Historia punya firasat langka hari ini. Seolah akan ada panggung yang bergemuruh. Ribut seperti badai. Serta akan ada cairan berwarna merah pekat di sekeliling kakinya. Mencipta rasa yang tak biasa, antara luka dan perih. Abu-abu; tanpa tahu mana hitam, mana putih. Semua samar, ia tak bisa melihat dengan jelas.
Kala matahari menggantung bagai lemon di atas langit cerah, firasat yang mirip dengan doa itu terkabul. Eren dan pasukannya datang, membawa puluhan peluru untuk membolongi kepala semua penjaga rumah. Tak terkecuali dengan pemuda itu—singkatnya teman masa kecil Historia—yang sebelumnya diberi amanah menjaganya. Tanpa basa-basi, Eren ikut menghabisinya. Bahkan tak ada raut menyesal tampak dari wajah pemuda yang mempunyai bola mata hijau tersebut.
"Eren ..."
Pucat pasi sudah wajah Historia menatap wajah tanpa dosa Eren; yang tengah berdiri di depan pintu kamar. Ia pun melangkah mundur hingga tubuhnya yang tengah buncit menabrak sebuah meja kecil. Tangannya meraba mencari sesuatu. Ada, ada sebuah pisau di sana. Pisau yang baru saja ia gunakan untuk mengupas apel merah beberapa menit lalu.
Masih dalam pikiran yang berwarna abu-abu, Historia melangkah cepat dan mengambil gerakan mengangkat pisau. Ia ingin menancapkan ujungnya, tepat di leher Eren. Namun, gerakannya kalah cepat dengan tangan Eren, dengan cepat pergelangan tangan itu dicengkeram kuat-kuat. Historia meringis. Eren menatap tajam bola mata biru itu dengan penuh kilat amarah.
"Sampai kapan pun kau tak akan pernah bisa melakukannya, Historia." Perempuan berambut pirang itu tak mau kalah, tetap tak mau menjatuhkan pisaunya. "Apa yang kalau lakukan, hah? Aku Eren," katanya setengah membentak.
Wajah Eren memang sedikit berbeda dari terakhir mereka bertemu. Tak heran jika Historia tak mengenali orang yang ada dihadapannya ini. Namun, sejujurnya, bukan itu yang ia maksud. Ia hanya tak tahu, apakah ini jiwa Eren atau bukan. Mengingat seorang Eren Yeager tak akan membunuh orang dengan ekspresi seperti membunuh seekor semut.
"Kau bukan Eren. Dia tidak mungkin, tidak mungkin sembarangan membunuh orang. Apalagi dia tidak bersalah," ucap Historia sambil terisak. Air mata sudah turun dari kedua matanya.
Eren mencengkeram baju Historia, membuat perutnya terguncang. Ia menahan sakit dan sebelah tangannya memukul dada Eren.

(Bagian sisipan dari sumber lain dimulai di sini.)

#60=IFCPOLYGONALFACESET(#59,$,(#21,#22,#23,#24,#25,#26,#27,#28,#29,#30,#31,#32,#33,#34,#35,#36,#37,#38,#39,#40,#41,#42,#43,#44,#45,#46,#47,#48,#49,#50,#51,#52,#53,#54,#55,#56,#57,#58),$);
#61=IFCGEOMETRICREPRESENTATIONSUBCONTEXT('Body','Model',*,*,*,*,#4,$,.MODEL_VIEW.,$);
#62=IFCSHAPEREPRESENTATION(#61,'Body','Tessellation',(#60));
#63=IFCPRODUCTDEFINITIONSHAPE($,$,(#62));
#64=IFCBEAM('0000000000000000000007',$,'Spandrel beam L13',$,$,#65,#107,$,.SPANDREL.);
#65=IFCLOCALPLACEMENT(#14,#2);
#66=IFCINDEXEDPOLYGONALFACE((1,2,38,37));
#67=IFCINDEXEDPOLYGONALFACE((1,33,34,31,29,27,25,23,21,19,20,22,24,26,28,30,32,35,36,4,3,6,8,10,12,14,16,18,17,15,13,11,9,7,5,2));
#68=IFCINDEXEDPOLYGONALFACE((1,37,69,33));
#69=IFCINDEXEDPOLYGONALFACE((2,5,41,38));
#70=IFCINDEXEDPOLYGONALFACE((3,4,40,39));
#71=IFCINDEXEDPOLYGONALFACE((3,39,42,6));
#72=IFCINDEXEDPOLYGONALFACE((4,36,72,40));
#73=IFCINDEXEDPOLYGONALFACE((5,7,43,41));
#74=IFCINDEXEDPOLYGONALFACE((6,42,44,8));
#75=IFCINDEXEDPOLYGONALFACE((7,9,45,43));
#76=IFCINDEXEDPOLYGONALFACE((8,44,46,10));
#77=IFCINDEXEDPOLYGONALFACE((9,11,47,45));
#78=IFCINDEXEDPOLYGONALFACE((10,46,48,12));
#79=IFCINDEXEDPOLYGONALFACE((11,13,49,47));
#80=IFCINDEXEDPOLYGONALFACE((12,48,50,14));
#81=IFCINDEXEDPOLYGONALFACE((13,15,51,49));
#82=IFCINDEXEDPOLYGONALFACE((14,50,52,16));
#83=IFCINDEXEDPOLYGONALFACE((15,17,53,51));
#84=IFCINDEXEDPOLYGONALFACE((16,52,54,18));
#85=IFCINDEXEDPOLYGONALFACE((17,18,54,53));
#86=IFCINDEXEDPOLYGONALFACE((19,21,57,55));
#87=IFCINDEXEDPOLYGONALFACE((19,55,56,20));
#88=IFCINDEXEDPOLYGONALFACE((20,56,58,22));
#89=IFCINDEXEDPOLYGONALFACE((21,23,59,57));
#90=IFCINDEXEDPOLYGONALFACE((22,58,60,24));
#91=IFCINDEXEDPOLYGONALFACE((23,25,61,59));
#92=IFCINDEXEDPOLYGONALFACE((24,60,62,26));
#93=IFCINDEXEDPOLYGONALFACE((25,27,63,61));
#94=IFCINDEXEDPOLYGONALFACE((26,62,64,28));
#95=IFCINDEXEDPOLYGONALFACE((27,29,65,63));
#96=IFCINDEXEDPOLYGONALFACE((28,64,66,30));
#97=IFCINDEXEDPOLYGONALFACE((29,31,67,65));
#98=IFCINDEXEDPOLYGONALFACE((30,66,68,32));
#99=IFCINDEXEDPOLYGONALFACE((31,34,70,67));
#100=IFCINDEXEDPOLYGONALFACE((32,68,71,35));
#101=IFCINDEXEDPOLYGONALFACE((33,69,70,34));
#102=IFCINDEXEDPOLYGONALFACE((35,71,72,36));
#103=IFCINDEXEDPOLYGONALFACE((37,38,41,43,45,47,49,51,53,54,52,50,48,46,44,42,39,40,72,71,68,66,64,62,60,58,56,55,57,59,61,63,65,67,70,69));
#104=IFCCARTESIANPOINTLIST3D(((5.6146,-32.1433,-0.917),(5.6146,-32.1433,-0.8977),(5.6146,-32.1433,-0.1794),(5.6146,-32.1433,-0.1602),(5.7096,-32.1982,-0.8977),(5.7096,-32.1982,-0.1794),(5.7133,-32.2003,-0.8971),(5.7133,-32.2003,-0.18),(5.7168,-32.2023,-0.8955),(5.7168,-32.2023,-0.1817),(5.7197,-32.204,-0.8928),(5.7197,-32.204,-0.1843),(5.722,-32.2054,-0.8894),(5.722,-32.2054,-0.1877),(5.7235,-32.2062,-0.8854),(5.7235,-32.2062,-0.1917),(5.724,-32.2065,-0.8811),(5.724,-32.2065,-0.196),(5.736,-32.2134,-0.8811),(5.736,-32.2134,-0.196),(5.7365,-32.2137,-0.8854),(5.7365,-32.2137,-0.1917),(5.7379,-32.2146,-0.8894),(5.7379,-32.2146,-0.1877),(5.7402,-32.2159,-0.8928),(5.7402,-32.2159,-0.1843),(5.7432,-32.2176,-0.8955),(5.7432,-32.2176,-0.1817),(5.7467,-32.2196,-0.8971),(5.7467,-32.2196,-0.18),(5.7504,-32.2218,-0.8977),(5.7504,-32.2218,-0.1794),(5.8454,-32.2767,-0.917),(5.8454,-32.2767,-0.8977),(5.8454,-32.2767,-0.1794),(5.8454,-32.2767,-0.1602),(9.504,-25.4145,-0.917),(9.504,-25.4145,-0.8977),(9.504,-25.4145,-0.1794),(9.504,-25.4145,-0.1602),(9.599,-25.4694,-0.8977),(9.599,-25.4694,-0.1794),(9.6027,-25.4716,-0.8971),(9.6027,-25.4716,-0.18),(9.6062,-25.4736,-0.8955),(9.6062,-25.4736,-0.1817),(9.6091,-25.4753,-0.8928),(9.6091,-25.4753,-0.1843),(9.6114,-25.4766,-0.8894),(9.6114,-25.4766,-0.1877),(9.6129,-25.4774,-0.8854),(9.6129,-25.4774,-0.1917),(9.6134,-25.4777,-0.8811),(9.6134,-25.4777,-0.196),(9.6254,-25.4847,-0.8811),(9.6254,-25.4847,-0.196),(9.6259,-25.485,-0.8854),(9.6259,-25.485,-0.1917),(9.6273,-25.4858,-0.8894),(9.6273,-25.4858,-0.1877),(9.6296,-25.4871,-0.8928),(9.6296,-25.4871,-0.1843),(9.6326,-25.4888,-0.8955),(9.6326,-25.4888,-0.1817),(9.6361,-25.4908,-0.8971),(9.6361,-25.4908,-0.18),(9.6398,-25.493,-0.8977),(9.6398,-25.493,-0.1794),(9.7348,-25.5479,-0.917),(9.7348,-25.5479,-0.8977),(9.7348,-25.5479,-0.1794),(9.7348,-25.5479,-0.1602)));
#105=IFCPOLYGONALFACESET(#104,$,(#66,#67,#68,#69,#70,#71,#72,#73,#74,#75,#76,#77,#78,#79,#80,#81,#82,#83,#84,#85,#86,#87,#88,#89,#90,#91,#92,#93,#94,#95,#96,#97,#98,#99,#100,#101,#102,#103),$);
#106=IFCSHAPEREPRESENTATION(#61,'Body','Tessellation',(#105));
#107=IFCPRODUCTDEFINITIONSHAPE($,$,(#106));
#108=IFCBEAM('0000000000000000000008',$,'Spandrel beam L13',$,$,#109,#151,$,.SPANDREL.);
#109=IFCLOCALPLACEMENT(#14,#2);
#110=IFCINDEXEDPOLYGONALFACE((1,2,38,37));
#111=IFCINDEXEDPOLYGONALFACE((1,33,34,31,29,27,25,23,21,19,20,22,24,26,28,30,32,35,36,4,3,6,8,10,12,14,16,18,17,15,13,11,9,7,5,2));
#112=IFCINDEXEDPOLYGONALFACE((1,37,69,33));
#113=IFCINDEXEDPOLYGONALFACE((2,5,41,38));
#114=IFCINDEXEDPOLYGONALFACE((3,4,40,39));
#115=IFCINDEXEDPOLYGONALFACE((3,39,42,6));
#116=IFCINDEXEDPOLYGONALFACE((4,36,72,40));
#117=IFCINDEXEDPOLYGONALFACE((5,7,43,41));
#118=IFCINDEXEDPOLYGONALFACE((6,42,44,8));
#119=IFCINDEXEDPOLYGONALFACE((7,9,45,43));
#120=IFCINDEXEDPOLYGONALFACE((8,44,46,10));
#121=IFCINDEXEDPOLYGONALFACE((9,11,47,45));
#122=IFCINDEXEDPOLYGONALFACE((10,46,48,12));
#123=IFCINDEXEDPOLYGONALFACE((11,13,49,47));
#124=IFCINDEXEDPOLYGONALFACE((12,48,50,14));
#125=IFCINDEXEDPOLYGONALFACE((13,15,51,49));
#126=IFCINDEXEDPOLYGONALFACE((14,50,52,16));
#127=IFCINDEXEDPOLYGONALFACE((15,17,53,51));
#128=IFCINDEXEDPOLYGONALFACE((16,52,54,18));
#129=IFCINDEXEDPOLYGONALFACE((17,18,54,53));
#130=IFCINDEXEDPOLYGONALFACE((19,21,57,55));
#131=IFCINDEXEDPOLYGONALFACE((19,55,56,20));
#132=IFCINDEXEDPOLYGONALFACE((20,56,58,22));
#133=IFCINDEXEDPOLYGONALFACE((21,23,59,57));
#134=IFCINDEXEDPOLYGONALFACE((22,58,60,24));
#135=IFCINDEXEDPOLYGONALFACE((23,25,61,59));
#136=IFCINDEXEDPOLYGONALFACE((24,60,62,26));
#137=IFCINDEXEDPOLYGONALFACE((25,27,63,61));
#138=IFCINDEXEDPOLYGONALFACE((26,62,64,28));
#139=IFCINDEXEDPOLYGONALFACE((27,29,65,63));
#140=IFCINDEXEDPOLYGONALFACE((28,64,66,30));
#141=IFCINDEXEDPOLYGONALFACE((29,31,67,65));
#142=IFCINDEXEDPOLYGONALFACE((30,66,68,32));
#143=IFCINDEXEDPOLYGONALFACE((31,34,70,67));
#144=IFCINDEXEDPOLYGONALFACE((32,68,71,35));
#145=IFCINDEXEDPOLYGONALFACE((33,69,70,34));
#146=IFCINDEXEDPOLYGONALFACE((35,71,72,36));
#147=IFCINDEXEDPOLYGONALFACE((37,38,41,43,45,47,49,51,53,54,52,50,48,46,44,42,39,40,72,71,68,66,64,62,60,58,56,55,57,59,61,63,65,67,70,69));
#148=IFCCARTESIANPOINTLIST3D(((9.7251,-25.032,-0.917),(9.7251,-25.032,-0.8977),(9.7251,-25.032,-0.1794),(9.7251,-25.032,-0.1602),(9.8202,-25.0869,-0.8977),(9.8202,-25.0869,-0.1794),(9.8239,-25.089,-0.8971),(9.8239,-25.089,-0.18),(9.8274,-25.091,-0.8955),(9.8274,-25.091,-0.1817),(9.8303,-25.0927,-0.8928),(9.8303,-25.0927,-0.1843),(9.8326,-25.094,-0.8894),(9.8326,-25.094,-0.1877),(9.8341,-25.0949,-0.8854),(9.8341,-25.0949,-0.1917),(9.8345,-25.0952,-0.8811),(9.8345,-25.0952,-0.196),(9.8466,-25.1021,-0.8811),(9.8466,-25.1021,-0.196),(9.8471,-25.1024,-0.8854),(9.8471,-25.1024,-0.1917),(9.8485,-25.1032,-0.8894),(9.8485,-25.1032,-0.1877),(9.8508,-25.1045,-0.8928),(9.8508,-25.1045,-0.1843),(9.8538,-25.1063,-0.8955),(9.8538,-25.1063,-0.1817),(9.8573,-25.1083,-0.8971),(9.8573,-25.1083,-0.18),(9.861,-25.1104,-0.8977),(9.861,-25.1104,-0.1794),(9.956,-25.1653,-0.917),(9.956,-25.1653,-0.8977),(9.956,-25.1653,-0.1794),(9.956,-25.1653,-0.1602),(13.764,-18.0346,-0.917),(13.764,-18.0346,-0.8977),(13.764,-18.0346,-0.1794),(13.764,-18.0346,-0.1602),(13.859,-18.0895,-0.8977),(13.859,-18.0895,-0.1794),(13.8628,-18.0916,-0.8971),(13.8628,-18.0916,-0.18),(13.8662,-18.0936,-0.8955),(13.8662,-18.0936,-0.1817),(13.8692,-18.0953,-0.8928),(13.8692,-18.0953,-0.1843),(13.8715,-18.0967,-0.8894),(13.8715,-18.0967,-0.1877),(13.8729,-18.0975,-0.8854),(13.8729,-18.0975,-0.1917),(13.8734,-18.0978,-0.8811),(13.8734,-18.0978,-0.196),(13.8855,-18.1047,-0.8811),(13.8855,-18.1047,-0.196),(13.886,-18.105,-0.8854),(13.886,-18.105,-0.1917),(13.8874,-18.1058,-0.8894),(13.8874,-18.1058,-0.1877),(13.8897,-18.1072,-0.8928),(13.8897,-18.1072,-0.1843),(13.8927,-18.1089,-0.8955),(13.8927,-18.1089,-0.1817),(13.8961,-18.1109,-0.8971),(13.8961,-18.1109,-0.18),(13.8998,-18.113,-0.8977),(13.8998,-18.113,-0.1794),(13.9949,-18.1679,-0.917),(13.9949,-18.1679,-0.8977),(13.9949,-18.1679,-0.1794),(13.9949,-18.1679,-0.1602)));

"Jadi, kau jatuh cinta padanya? Kau jatuh cinta dengan petani sialan itu, hah?"
"Dia menolong kita, tapi kau membunuhnya begitu saja. Kau membunuh semua orang."
"Kalau kau sudah tidak memercayaiku, kenapa tidak kau tusuk perutmu itu."
Tubuh Historia bergetar, pun pisau itu terjatuh di lantai. Bersamaan dengan semua itu, ia merosot tepat di bawah kaki Eren. Mengerang, mengisak, mengerang, mengisak, dan terus seperti itu, hingga Eren ikut menurunkan tubuh, dan mengguncang pelan tubuh Historia.
"Aku sudah mengatakan ini berulang kali. Semua yang aku lakukan karena aku ingin melindungimu dari kekacauan di luar sana. Kau dan bayi di perutmu, harus tinggal di tempat yang aman. Bukankah itu adil?" Eren menatap wajah Historia yang basah. "Bahkan di pikiranku hanya kau—"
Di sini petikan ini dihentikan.